39 minutes | Oct 20, 2020
#16 Community Composition
Whether the subject matter is undergraduate poetry or graduate creative nonfiction, a writing class would appear, at first glance, to be almost perfectly suited to the virtual classroom. We’ve all read the novel and seen the film adaptation’s opening scene of an author, a libation for company, the muse for inspiration, and a laptop to capture the experience. Everyone knows writing is a reclusive endeavor, right? Yes, because at some point it’s just you and the pen and the page… or perhaps you and pixels on a screen. And also no. Few writers always take their solitude neat.

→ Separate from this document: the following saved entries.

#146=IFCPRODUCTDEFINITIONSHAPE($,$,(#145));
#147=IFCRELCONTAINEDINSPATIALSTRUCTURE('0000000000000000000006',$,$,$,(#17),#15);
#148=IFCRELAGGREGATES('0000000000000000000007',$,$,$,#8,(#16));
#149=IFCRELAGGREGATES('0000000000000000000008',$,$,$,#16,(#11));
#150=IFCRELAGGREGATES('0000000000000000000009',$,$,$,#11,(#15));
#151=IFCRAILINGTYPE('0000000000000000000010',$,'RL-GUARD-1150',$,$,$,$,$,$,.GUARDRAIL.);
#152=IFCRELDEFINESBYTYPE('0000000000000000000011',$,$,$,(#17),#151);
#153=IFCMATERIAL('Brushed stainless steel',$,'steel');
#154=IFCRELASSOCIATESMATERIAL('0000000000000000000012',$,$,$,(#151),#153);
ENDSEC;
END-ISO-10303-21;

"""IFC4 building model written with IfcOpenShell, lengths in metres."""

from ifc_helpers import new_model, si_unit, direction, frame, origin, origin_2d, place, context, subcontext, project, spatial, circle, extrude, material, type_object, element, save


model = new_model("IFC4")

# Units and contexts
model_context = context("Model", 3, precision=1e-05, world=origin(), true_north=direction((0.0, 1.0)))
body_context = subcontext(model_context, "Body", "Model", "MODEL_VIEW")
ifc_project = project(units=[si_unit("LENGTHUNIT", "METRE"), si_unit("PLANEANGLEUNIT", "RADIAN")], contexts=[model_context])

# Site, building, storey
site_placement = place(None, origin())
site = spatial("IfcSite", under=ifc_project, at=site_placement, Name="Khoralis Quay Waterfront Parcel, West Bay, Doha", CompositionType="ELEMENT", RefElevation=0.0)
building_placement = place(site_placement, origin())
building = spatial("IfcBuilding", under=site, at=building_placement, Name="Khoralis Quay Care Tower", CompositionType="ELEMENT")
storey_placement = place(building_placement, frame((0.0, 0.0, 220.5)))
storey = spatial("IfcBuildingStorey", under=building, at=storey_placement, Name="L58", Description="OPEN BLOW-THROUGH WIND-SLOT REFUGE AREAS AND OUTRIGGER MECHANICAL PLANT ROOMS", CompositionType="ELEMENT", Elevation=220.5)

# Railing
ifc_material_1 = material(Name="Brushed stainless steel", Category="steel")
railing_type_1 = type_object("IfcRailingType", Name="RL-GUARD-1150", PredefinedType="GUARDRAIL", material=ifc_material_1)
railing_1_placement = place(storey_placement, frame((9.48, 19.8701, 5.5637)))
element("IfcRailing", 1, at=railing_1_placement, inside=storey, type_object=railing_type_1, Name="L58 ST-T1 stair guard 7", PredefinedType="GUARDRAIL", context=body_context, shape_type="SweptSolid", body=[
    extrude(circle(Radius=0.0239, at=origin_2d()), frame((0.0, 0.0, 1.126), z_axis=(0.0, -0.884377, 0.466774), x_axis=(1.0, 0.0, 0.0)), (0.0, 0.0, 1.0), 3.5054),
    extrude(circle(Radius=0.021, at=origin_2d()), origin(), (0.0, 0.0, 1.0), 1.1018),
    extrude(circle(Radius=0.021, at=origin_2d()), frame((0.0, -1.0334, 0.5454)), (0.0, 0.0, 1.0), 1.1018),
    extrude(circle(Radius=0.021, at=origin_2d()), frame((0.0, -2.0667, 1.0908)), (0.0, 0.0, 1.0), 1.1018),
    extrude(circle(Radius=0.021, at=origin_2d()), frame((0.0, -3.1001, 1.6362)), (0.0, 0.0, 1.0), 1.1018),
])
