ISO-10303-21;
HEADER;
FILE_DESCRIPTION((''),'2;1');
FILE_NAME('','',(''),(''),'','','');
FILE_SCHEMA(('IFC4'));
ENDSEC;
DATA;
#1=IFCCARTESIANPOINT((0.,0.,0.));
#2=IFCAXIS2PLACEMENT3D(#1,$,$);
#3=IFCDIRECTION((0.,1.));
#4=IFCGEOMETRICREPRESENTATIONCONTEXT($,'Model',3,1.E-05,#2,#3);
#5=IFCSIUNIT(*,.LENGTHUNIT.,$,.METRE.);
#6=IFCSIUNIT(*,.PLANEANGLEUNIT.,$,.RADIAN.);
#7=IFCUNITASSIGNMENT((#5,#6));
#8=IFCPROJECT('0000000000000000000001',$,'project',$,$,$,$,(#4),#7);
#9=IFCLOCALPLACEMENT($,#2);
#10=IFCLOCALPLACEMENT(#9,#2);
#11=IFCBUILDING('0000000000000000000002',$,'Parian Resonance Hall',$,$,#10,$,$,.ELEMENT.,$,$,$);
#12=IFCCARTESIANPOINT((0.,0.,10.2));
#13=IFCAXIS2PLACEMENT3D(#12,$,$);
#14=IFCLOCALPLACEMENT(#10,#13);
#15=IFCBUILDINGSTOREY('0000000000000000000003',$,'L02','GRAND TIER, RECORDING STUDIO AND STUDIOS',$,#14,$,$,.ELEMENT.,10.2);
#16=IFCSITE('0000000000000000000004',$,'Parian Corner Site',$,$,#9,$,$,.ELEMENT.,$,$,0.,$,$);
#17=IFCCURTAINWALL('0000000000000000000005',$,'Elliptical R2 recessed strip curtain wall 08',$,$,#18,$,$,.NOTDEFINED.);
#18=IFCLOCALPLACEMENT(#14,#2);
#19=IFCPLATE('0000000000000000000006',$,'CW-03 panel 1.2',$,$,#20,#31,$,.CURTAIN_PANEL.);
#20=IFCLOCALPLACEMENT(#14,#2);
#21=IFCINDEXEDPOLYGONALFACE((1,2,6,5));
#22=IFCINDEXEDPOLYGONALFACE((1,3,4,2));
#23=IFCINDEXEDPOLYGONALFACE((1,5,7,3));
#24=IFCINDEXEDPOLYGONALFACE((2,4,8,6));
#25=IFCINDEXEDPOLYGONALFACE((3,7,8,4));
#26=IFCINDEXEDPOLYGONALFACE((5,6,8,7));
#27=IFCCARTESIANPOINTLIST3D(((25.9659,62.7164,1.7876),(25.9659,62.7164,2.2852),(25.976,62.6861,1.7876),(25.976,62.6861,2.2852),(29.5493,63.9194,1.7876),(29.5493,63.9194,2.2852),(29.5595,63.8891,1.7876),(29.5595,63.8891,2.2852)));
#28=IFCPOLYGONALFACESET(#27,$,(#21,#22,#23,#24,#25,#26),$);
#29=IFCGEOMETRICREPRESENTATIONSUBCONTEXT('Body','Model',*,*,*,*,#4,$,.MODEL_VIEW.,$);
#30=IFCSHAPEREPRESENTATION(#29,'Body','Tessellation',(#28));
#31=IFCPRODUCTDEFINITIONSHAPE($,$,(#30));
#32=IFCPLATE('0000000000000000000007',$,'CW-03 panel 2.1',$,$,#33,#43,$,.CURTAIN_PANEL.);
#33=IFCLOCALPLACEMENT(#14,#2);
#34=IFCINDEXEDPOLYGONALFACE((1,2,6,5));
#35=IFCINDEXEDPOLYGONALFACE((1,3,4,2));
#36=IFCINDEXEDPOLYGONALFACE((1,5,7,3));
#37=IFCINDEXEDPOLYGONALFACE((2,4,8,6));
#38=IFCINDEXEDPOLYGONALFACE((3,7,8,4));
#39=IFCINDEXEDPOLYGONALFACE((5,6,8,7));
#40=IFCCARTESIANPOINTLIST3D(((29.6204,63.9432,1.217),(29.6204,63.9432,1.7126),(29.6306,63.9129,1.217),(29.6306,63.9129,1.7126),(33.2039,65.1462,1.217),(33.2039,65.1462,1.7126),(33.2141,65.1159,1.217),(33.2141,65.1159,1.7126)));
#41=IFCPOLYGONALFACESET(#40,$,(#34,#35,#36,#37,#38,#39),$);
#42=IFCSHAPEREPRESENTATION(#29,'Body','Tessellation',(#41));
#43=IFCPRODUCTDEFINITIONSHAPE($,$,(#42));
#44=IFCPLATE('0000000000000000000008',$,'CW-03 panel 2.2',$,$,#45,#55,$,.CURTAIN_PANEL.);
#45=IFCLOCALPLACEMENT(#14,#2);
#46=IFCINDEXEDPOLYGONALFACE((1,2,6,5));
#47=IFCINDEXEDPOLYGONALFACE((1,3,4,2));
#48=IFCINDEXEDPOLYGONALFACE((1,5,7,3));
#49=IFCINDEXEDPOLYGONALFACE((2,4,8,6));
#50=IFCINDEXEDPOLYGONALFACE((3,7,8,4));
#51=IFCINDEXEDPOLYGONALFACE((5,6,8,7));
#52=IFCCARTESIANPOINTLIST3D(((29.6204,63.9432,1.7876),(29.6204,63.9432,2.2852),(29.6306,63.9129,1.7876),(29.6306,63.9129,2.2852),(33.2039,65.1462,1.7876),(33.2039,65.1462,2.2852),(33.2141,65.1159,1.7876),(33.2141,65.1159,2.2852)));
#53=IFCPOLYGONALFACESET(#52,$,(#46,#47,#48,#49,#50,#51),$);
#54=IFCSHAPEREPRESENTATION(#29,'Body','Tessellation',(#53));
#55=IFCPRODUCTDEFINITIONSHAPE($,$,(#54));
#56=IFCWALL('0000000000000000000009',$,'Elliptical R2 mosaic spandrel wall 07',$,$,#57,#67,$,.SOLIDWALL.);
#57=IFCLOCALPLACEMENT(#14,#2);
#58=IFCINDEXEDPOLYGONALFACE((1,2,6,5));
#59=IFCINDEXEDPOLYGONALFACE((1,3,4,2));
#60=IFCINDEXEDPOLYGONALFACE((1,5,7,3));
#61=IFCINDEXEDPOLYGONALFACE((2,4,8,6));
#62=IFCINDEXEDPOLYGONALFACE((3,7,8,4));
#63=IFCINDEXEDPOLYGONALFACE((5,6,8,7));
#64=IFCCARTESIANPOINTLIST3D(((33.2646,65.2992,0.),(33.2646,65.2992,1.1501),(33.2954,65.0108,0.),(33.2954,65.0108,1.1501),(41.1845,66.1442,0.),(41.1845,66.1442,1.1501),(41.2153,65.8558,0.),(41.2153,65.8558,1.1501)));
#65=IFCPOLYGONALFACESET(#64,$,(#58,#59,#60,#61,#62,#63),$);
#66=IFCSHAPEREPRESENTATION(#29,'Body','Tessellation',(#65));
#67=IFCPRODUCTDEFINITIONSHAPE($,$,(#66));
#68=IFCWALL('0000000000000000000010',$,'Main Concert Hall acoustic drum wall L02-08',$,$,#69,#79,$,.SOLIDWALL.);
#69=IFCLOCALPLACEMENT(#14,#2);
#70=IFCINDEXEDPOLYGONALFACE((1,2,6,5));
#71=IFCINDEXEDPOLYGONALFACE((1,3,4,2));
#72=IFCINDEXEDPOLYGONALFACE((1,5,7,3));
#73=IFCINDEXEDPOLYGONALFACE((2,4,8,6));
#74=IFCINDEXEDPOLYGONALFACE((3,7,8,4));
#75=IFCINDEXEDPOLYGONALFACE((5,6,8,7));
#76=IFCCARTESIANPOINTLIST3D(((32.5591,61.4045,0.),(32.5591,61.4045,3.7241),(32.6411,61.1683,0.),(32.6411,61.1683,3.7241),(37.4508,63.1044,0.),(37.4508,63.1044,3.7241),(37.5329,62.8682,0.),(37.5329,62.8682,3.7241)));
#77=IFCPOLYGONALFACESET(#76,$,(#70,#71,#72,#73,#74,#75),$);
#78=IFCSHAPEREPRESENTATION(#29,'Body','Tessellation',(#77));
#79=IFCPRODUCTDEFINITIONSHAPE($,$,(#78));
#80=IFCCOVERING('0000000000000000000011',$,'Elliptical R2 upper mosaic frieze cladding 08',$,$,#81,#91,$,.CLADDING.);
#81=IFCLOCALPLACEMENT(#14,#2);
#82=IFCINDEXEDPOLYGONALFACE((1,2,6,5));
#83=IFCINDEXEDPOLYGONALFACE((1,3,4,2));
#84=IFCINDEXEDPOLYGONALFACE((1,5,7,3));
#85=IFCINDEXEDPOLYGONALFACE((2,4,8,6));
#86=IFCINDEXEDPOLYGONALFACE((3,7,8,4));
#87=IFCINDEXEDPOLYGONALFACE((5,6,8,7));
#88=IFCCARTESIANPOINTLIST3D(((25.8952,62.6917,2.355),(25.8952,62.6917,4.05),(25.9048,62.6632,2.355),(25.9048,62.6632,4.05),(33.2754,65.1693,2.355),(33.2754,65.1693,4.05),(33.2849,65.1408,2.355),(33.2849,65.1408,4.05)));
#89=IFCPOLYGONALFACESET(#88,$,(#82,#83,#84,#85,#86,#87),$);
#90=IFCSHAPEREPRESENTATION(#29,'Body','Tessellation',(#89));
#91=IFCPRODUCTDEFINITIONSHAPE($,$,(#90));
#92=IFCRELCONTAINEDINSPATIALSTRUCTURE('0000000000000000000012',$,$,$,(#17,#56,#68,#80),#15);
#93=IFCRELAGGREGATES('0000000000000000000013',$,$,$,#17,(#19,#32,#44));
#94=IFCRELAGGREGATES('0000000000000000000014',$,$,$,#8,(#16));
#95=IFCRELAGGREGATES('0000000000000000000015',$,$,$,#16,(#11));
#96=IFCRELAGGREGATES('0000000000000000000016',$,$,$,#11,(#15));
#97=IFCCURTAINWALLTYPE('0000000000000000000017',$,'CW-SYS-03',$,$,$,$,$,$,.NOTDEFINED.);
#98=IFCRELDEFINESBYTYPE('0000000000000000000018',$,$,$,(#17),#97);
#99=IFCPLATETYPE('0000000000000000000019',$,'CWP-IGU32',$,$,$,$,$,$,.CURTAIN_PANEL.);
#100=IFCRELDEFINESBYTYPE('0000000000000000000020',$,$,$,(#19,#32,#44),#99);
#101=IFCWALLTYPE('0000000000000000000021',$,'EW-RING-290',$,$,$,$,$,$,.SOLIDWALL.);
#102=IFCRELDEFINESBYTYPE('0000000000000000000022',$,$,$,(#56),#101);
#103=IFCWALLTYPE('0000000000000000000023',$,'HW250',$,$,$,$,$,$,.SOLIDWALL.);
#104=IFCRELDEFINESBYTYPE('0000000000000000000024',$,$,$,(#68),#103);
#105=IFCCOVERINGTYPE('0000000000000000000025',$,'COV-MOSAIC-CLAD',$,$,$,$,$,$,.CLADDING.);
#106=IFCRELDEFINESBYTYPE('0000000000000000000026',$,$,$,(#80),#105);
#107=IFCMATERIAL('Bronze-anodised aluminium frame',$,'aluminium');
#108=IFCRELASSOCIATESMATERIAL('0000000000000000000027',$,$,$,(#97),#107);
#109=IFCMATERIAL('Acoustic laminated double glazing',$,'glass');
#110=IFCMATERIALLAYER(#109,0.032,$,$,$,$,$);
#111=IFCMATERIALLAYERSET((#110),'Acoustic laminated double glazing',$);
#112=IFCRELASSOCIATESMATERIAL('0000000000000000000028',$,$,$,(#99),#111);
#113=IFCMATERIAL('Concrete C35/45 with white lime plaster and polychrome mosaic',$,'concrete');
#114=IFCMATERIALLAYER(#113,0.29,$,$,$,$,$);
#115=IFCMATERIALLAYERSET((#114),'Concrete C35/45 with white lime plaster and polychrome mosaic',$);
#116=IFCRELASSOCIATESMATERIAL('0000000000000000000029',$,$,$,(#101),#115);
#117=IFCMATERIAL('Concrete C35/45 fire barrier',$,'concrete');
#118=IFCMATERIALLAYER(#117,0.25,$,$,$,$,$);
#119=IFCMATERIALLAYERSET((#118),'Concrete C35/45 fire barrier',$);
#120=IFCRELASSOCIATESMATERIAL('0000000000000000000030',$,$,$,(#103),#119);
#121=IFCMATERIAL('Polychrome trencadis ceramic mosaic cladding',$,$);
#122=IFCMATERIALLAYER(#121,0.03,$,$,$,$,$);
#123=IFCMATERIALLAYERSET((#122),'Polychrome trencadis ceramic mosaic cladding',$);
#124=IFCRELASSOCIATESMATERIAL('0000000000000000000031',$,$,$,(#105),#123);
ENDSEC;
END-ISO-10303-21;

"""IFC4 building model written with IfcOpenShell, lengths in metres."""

from ifc_helpers import new_model, si_unit, direction, frame, frame_2d, origin, origin_2d, place, context, subcontext, project, spatial, rectangle, extrude, material, layer, layer_set, type_object, element, aggregate, save


model = new_model("IFC4")

# Units and contexts
model_context = context("Model", 3, precision=1e-05, world=origin(), true_north=direction((0.0, 1.0)))
body_context = subcontext(model_context, "Body", "Model", "MODEL_VIEW")
ifc_project = project(units=[si_unit("LENGTHUNIT", "METRE"), si_unit("PLANEANGLEUNIT", "RADIAN")], contexts=[model_context])

# Site, building, storey
site_placement = place(None, origin())
site = spatial("IfcSite", under=ifc_project, at=site_placement, Name="Parian Corner Site", CompositionType="ELEMENT", RefElevation=0.0)
building_placement = place(site_placement, origin())
building = spatial("IfcBuilding", under=site, at=building_placement, Name="Parian Resonance Hall", CompositionType="ELEMENT")
storey_placement = place(building_placement, frame((0.0, 0.0, 10.2)))
storey = spatial("IfcBuildingStorey", under=building, at=storey_placement, Name="L02", Description="GRAND TIER, RECORDING STUDIO AND STUDIOS", CompositionType="ELEMENT", Elevation=10.2)

# Curtain wall
ifc_material_1 = material(Name="Bronze-anodised aluminium frame", Category="aluminium")
curtain_wall_type_1 = type_object("IfcCurtainWallType", Name="CW-SYS-03", PredefinedType="NOTDEFINED", material=ifc_material_1)
curtain_wall_1_placement = place(storey_placement, origin())
curtain_wall_1 = element("IfcCurtainWall", 1, at=curtain_wall_1_placement, inside=storey, type_object=curtain_wall_type_1, Name="Elliptical R2 recessed strip curtain wall 08", PredefinedType="NOTDEFINED")

# Plates
ifc_material_2 = material(Name="Acoustic laminated double glazing", Category="glass")
ifc_layer_1 = layer(ifc_material_2, 0.032)
ifc_layer_set_1 = layer_set([ifc_layer_1], Name="Acoustic laminated double glazing")
plate_type = type_object("IfcPlateType", Name="CWP-IGU32", PredefinedType="CURTAIN_PANEL", material=ifc_layer_set_1)
plate_1_placement = place(storey_placement, frame((27.7627, 63.3027, 1.7876), z_axis=(0.0, 0.0, 1.0), x_axis=(0.948004, 0.318258, 0.0)))
plate_1 = element("IfcPlate", 2, at=plate_1_placement, type_object=plate_type, Name="CW-03 panel 1.2", PredefinedType="CURTAIN_PANEL", context=body_context, shape_type="SweptSolid", body=[
    extrude(rectangle(XDim=3.78, YDim=0.032, at=origin_2d()), origin(), (0.0, 0.0, 1.0), 0.4976),
])
plate_2_placement = place(storey_placement, frame((31.4172, 64.5295, 1.217), z_axis=(0.0, 0.0, 1.0), x_axis=(0.948004, 0.318258, 0.0)))
plate_2 = element("IfcPlate", 3, at=plate_2_placement, type_object=plate_type, Name="CW-03 panel 2.1", PredefinedType="CURTAIN_PANEL", context=body_context, shape_type="SweptSolid", body=[
    extrude(rectangle(XDim=3.78, YDim=0.032, at=origin_2d()), origin(), (0.0, 0.0, 1.0), 0.4956),
])
plate_3_placement = place(storey_placement, frame((31.4172, 64.5295, 1.7876), z_axis=(0.0, 0.0, 1.0), x_axis=(0.948004, 0.318258, 0.0)))
plate_3 = element("IfcPlate", 4, at=plate_3_placement, type_object=plate_type, Name="CW-03 panel 2.2", PredefinedType="CURTAIN_PANEL", context=body_context, shape_type="SweptSolid", body=[
    extrude(rectangle(XDim=3.78, YDim=0.032, at=origin_2d()), origin(), (0.0, 0.0, 1.0), 0.4976),
])
aggregate(curtain_wall_1, [plate_1, plate_2, plate_3])

# Wall
ifc_material_3 = material(Name="Concrete C35/45 with white lime plaster and polychrome mosaic", Category="concrete")
ifc_layer_2 = layer(ifc_material_3, 0.29)
ifc_layer_set_2 = layer_set([ifc_layer_2], Name="Concrete C35/45 with white lime plaster and polychrome mosaic")
wall_type_1 = type_object("IfcWallType", Name="EW-RING-290", PredefinedType="SOLIDWALL", material=ifc_layer_set_2)
wall_1_placement = place(storey_placement, frame((33.28, 65.155, 0.0), z_axis=(0.0, 0.0, 1.0), x_axis=(0.994357, 0.106087, 0.0)))
element("IfcWall", 5, at=wall_1_placement, inside=storey, type_object=wall_type_1, Name="Elliptical R2 mosaic spandrel wall 07", PredefinedType="SOLIDWALL", context=body_context, shape_type="SweptSolid", body=[
    extrude(rectangle(XDim=7.9648, YDim=0.29, at=frame_2d((3.9824, 0.0))), origin(), (0.0, 0.0, 1.0), 1.1501),
])

# Shared definitions
ifc_material_4 = material(Name="Concrete C35/45 fire barrier", Category="concrete")
ifc_layer_3 = layer(ifc_material_4, 0.25)
ifc_layer_set_3 = layer_set([ifc_layer_3], Name="Concrete C35/45 fire barrier")
wall_type_2 = type_object("IfcWallType", Name="HW250", PredefinedType="SOLIDWALL", material=ifc_layer_set_3)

In most cases they’ll add at least a shot or two of social now and again... over coffee, or at happy hour, maybe while attending a weekend workshop. But in the real virtual world of higher ed, how can an educator compose a course that allows both full-time students, right out of high school, and part-time adult learners, juggling work and family, to partake in the benefits of a creative community? Our guest, Daniel Stanford, will share the abridged story of his life as Composition Coordinator at Pitt Community College in North Carolina. Dan’s taught hybrid and asynchronous online courses since pre-LMS days, and he continues to try new tools and strategies for meeting learning objectives, engaging students, and encouraging collaboration. Listeners, this one’s sure to be a page-turner!
40 minutes | Oct 6, 2020
#15 Field & Screen
Imagine a traditional college class. Chances are, you'll picture an instructor standing in front of a chalkboard, whiteboard, or projection screen in a room or auditorium of seated students taking notes. At the same time, you know from your own educational experiences that learning isn't limited to to lectures, discussion, lab, or field trips during the scheduled meeting time. For example, readings and homework assignments completed outside of the classroom are included in the time-based calculation of credit hours. Depending on the subject, instructors may also include independent activities designed to move students out into the world as a way of deepening their understanding of the topic at hand.Understandably, faculty teaching for-credit distance education courses have tended to follow the familiar format, with the primary difference being how the instruction time activities are delivered — live-streaming or pre-recorded. Yet, educators often struggle with how to include fieldwork, broadly defined, when the course is delivered in the virtual classroom, if they even recognize this type of assignment as an option.With video conferencing fatigue taking a toll on students and faculty alike, what better time to consider adding some physically active learning assignments to your syllabus? Our guest for this week's episode, Jim Egenrieder of Virginia Tech, provides inspiration and tips for integrating Field & Screen.